The program will read words from two text files. (You can ask the user for the file names, or you can get the file names from command line arguments, but please do not hard code them into the file!) Read the words from one file, convert them to lower case, and put them into a HashSet <String>. Read the words from the other file into another HashSet <String>. A word is defined to be a sequence of ASCII letters, possibly with embedded apostrophes as in the words o'clock and shouldn't've. You can read words easily using a Scanner, provided you change the delimiter that is used by the Scanner to separate tokens. Here is a command that you can use to set a Scanner, scanr, to read words from the file and discard everything else:
scanr.useDelimiter("('*[^a-zA-Z']'*|''+|^'|'$)+");
(It took me significantly longer to write and debug the regular expression in this command than it did to write the rest of the program. You can copy-and-paste it from the PDF of this assignment on line.)

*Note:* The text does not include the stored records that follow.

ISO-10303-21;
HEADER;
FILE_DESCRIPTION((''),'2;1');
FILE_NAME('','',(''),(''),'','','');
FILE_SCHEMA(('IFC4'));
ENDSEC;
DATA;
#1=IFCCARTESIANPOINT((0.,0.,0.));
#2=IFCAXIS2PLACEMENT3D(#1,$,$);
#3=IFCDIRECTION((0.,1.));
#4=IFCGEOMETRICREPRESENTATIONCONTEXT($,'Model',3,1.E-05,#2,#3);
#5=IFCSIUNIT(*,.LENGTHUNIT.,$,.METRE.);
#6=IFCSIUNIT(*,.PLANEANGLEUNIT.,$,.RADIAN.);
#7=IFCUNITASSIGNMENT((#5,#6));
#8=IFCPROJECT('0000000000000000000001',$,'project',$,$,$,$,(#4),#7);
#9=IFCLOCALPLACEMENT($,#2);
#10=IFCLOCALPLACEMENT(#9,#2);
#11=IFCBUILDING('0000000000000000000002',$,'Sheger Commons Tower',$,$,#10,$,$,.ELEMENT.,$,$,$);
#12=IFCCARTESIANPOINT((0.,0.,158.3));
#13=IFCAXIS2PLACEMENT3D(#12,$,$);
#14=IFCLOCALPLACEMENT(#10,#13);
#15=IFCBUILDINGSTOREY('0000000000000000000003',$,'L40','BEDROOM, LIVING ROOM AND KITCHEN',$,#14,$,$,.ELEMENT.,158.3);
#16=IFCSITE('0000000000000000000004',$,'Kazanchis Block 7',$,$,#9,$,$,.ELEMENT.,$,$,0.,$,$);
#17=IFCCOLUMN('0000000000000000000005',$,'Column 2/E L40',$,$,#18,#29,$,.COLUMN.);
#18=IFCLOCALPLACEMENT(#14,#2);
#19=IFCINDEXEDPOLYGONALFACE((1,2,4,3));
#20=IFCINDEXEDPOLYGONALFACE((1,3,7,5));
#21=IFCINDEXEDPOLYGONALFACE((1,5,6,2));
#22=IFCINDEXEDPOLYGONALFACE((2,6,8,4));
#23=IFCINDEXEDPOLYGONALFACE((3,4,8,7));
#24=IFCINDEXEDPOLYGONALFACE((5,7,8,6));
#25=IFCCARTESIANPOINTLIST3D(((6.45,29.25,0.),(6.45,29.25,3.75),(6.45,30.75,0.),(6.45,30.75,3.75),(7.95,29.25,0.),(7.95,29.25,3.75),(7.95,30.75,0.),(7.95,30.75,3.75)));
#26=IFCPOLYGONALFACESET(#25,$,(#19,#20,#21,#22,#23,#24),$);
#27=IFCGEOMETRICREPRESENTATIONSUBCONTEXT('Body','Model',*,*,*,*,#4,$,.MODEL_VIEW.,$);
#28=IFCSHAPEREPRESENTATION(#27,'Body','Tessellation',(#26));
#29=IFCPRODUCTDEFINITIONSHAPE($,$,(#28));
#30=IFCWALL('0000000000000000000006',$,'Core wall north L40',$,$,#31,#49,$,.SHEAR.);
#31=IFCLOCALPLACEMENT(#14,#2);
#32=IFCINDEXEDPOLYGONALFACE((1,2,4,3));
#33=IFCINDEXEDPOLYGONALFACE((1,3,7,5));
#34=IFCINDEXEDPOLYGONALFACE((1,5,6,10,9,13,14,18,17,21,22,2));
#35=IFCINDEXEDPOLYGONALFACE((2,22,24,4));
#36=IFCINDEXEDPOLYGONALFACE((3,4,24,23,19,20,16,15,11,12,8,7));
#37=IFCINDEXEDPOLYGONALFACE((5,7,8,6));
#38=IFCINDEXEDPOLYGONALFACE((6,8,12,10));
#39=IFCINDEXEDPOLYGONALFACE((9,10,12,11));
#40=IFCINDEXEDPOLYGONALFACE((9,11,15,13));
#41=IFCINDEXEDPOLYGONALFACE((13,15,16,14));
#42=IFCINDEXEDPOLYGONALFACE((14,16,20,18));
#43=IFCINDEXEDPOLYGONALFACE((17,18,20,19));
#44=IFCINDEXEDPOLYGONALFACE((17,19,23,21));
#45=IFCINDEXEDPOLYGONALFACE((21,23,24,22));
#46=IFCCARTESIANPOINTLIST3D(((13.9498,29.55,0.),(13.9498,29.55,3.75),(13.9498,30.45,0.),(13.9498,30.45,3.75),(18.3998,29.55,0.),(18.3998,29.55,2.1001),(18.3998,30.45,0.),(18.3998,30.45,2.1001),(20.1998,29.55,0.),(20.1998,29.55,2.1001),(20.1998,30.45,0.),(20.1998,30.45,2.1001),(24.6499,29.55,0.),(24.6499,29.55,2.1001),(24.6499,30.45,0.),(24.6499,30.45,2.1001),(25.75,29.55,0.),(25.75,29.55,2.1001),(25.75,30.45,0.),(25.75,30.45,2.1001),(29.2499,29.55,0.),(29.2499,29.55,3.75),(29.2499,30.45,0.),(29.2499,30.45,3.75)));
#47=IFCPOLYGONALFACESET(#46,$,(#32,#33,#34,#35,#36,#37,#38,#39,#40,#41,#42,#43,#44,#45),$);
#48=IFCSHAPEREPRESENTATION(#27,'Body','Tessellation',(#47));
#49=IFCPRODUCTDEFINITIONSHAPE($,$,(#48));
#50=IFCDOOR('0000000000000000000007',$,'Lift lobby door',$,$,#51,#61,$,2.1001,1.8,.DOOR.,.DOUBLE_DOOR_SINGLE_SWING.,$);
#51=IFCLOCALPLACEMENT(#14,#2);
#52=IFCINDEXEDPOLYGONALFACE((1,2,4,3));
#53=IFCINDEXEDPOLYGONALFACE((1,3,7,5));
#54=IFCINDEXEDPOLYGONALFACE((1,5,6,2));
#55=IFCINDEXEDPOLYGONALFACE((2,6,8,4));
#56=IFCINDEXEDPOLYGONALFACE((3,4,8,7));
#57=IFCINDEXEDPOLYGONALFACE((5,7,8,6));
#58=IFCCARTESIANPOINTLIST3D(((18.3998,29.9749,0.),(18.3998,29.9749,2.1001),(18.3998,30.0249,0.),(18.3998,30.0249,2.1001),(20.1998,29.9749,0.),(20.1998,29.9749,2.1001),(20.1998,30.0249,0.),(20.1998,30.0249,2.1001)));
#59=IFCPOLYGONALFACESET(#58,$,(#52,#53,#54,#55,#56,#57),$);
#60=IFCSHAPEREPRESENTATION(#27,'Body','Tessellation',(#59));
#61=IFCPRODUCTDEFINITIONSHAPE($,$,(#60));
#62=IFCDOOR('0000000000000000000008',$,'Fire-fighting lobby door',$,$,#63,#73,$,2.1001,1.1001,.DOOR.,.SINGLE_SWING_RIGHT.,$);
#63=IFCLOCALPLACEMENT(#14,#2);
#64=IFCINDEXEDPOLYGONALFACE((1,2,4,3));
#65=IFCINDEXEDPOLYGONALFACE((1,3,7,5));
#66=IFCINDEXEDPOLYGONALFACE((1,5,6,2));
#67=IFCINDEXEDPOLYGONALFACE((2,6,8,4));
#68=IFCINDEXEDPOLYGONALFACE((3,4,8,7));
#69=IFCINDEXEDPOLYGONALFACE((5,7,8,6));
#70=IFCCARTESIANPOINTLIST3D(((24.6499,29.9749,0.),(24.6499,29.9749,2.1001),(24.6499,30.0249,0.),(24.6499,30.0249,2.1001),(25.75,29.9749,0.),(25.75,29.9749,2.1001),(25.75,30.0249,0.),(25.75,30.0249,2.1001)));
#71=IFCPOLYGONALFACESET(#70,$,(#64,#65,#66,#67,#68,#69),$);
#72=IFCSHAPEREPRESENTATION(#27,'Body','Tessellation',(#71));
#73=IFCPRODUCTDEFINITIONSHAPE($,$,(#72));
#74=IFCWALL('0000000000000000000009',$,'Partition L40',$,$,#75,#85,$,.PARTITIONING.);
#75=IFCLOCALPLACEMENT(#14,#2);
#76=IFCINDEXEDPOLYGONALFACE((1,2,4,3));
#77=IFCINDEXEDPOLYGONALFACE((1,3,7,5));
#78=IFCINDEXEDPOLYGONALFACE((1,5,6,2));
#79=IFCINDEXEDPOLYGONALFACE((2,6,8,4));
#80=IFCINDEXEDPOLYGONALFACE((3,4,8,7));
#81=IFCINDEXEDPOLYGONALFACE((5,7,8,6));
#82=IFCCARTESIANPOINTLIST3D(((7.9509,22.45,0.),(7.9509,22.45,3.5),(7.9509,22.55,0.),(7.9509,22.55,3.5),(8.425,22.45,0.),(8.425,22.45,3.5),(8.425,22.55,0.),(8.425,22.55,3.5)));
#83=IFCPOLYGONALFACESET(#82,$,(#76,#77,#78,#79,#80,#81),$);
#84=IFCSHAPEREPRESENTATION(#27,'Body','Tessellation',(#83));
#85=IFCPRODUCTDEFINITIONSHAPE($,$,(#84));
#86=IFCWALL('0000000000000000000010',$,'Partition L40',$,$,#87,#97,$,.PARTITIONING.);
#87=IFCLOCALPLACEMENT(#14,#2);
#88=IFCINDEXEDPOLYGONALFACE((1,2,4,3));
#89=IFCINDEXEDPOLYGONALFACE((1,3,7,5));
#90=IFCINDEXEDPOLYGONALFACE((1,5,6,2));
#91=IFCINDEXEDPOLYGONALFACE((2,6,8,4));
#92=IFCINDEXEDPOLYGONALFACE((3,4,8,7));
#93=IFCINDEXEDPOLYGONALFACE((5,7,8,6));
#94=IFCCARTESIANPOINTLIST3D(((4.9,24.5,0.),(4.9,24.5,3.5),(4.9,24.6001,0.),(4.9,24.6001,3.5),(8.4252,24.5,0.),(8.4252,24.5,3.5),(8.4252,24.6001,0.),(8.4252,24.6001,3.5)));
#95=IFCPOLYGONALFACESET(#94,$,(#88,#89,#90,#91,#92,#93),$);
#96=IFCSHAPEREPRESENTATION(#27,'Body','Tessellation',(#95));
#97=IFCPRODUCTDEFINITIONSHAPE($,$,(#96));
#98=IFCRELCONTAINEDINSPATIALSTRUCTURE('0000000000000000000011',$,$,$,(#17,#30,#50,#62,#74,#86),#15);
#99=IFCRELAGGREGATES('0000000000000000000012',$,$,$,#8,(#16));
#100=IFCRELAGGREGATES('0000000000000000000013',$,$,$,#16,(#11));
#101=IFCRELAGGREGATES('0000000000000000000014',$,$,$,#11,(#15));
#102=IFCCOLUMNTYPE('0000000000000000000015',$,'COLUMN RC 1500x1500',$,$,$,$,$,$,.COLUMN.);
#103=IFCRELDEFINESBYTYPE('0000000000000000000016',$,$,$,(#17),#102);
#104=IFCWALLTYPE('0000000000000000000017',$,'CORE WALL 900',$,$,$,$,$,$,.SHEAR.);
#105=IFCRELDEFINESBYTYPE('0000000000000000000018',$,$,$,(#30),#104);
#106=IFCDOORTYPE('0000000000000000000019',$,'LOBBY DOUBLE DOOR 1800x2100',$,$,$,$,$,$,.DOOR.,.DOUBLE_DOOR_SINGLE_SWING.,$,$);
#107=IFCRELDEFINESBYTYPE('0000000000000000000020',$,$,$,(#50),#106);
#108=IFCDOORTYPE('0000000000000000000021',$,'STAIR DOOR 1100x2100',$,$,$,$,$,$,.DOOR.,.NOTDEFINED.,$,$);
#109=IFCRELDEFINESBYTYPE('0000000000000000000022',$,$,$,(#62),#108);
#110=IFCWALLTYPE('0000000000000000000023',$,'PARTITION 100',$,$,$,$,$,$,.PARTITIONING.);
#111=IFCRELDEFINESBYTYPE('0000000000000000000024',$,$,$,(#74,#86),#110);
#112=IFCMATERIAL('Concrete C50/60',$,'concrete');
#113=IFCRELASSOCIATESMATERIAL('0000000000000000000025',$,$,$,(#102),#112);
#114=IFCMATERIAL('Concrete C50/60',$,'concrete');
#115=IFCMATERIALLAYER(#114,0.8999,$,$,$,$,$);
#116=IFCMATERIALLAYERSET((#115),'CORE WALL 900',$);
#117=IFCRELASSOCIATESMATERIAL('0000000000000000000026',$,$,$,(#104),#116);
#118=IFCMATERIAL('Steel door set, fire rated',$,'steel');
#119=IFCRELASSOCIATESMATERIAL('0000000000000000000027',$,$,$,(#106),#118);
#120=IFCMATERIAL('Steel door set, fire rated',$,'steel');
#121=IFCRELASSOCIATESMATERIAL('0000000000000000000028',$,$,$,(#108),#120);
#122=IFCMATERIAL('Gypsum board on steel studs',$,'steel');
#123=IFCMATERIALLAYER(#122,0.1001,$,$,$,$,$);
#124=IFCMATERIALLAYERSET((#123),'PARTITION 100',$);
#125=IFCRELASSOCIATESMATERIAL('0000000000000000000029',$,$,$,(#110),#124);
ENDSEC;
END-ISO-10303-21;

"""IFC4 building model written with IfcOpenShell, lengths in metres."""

from ifc_helpers import new_model, si_unit, direction, frame, frame_2d, origin, origin_2d, place, context, subcontext, project, spatial, rectangle, extrude, material, layer, layer_set, material_profile, profile_set, type_object, element, fill, save


model = new_model("IFC4")

# Units and contexts
model_context = context("Model", 3, precision=1e-05, world=origin(), true_north=direction((0.0, 1.0)))
body_context = subcontext(model_context, "Body", "Model", "MODEL_VIEW")
ifc_project = project(units=[si_unit("LENGTHUNIT", "METRE"), si_unit("PLANEANGLEUNIT", "RADIAN")], contexts=[model_context])

# Site, building, storey
site_placement = place(None, origin())
site = spatial("IfcSite", under=ifc_project, at=site_placement, Name="Kazanchis Block 7", CompositionType="ELEMENT", RefElevation=0.0)
building_placement = place(site_placement, origin())
building = spatial("IfcBuilding", under=site, at=building_placement, Name="Sheger Commons Tower", CompositionType="ELEMENT")
storey_placement = place(building_placement, frame((0.0, 0.0, 158.3)))
storey = spatial("IfcBuildingStorey", under=building, at=storey_placement, Name="L40", Description="BEDROOM, LIVING ROOM AND KITCHEN", CompositionType="ELEMENT", Elevation=158.3)

# Column
ifc_material_1 = material(Name="Concrete C50/60", Category="concrete")
ifc_material_profile = material_profile(ifc_material_1, rectangle(XDim=1.5, YDim=1.5, at=origin_2d()), Name="RC 1500x1500")
ifc_profile_set = profile_set([ifc_material_profile], Name="Concrete C50/60")
column_type = type_object("IfcColumnType", Name="COLUMN RC 1500x1500", PredefinedType="COLUMN", material=ifc_profile_set)
column_placement = place(storey_placement, frame((7.2, 30.0, 0.0), z_axis=(0.0, 0.0, 1.0), x_axis=(1.0, 0.0, 0.0)))
element("IfcColumn", 1, at=column_placement, inside=storey, type_object=column_type, Name="Column 2/E L40", PredefinedType="COLUMN", context=body_context, shape_type="SweptSolid", body=[
    extrude(rectangle(XDim=1.5, YDim=1.5, at=origin_2d()), origin(), (0.0, 0.0, 1.0), 3.75),
])

# Wall, openings, doors
ifc_material_2 = material(Name="Concrete C50/60", Category="concrete")
ifc_layer_1 = layer(ifc_material_2, 0.8999)
ifc_layer_set_1 = layer_set([ifc_layer_1], Name="CORE WALL 900")
wall_type_1 = type_object("IfcWallType", Name="CORE WALL 900", PredefinedType="SHEAR", material=ifc_layer_set_1)
wall_1_placement = place(storey_placement, frame((13.95, 30.0, 0.0), z_axis=(0.0, 0.0, 1.0), x_axis=(1.0, 0.0, 0.0)))
wall_1 = element("IfcWall", 2, at=wall_1_placement, inside=storey, type_object=wall_type_1, Name="Core wall north L40", PredefinedType="SHEAR", context=body_context, shape_type="SweptSolid", body=[
    extrude(rectangle(XDim=15.3, YDim=0.8999, at=frame_2d((7.6499, 0.0))), origin(), (0.0, 0.0, 1.0), 3.75),
])
opening_1_placement = place(wall_1_placement, frame((4.45, 0.0, 0.0)))
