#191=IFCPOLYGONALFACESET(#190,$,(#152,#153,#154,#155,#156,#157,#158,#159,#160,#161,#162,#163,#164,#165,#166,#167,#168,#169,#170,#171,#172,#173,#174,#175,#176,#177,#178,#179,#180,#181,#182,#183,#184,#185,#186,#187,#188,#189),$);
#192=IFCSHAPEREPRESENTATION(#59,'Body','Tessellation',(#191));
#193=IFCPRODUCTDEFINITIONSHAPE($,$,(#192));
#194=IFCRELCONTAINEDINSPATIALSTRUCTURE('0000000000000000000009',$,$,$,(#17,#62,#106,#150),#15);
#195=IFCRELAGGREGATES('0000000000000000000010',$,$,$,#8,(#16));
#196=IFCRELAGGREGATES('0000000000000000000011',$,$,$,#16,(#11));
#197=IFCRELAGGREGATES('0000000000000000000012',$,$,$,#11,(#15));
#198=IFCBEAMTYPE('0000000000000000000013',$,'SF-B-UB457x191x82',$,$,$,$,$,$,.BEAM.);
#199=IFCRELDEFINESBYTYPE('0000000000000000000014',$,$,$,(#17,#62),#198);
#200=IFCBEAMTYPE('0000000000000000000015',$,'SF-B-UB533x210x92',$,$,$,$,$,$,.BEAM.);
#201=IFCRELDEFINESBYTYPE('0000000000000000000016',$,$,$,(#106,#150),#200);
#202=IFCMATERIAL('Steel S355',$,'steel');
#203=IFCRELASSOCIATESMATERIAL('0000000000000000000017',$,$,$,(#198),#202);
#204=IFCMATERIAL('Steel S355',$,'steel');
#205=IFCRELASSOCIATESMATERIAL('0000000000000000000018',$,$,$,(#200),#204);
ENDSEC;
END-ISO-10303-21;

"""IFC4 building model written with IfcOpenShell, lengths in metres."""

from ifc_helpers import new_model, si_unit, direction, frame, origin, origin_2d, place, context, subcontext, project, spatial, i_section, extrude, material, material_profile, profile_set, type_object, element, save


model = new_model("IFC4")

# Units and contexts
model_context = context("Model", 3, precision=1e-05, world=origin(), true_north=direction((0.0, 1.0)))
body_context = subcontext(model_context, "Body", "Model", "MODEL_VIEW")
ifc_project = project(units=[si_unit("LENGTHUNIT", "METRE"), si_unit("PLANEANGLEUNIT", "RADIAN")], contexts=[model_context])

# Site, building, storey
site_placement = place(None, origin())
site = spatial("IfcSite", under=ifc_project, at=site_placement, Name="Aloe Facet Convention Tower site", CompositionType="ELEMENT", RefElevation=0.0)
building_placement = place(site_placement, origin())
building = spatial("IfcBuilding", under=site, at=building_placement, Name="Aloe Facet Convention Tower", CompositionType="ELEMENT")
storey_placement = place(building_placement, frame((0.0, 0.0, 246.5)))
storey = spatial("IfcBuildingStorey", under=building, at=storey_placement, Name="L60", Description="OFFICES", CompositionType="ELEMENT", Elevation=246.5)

Now that you have the two hashsets, your goal is to answer the following questions: How many unique words were found in each file? How many words were present in the first file that were not in the second file? How many words were present in the second file that were not in the first file? Putting all the words from the two files together, how many unique words were there in both files combined? (You can answer all of these questions using the HashSet API, without writing any loops.)
To make things a little more interesting, you might want to try your program on some of the files in /classes/cs327/books, which contain the full text of several classic (out-of-copyright) books. For example, here is the output from my program when it compared Jane Austin's Pride and Prejudice to Mark Twain's Huckleberry Finn:
File 'books/austin.txt' contains 6346 unique words. File 'books/twain.txt' contains 6089 unique words.
'books/austin.txt' contains 4213 words that are not in 'books/twain.txt'. 'books/twain.txt' contains 3956 words that are not in 'books/austin.txt'. Together, 'books/austin.txt' and 'books/twain.txt'
contain a total of 10302 different words.
Question 5. This problem is not required. You can do it for a little extra credit. The program in the preceding problem could have used a TreeSet instead of a hash set, but you would usually do that only if you are interested in processing the contents of the set in alphabetical order, and you would expect the TreeSet version of the program to require more time. How much more? Write a program to find out, using the System.nanoTime method that was used in problem 1 above. (Your program will have to do enough processing to take a significant amount of time.) Turn in a printout of your program and report on your results.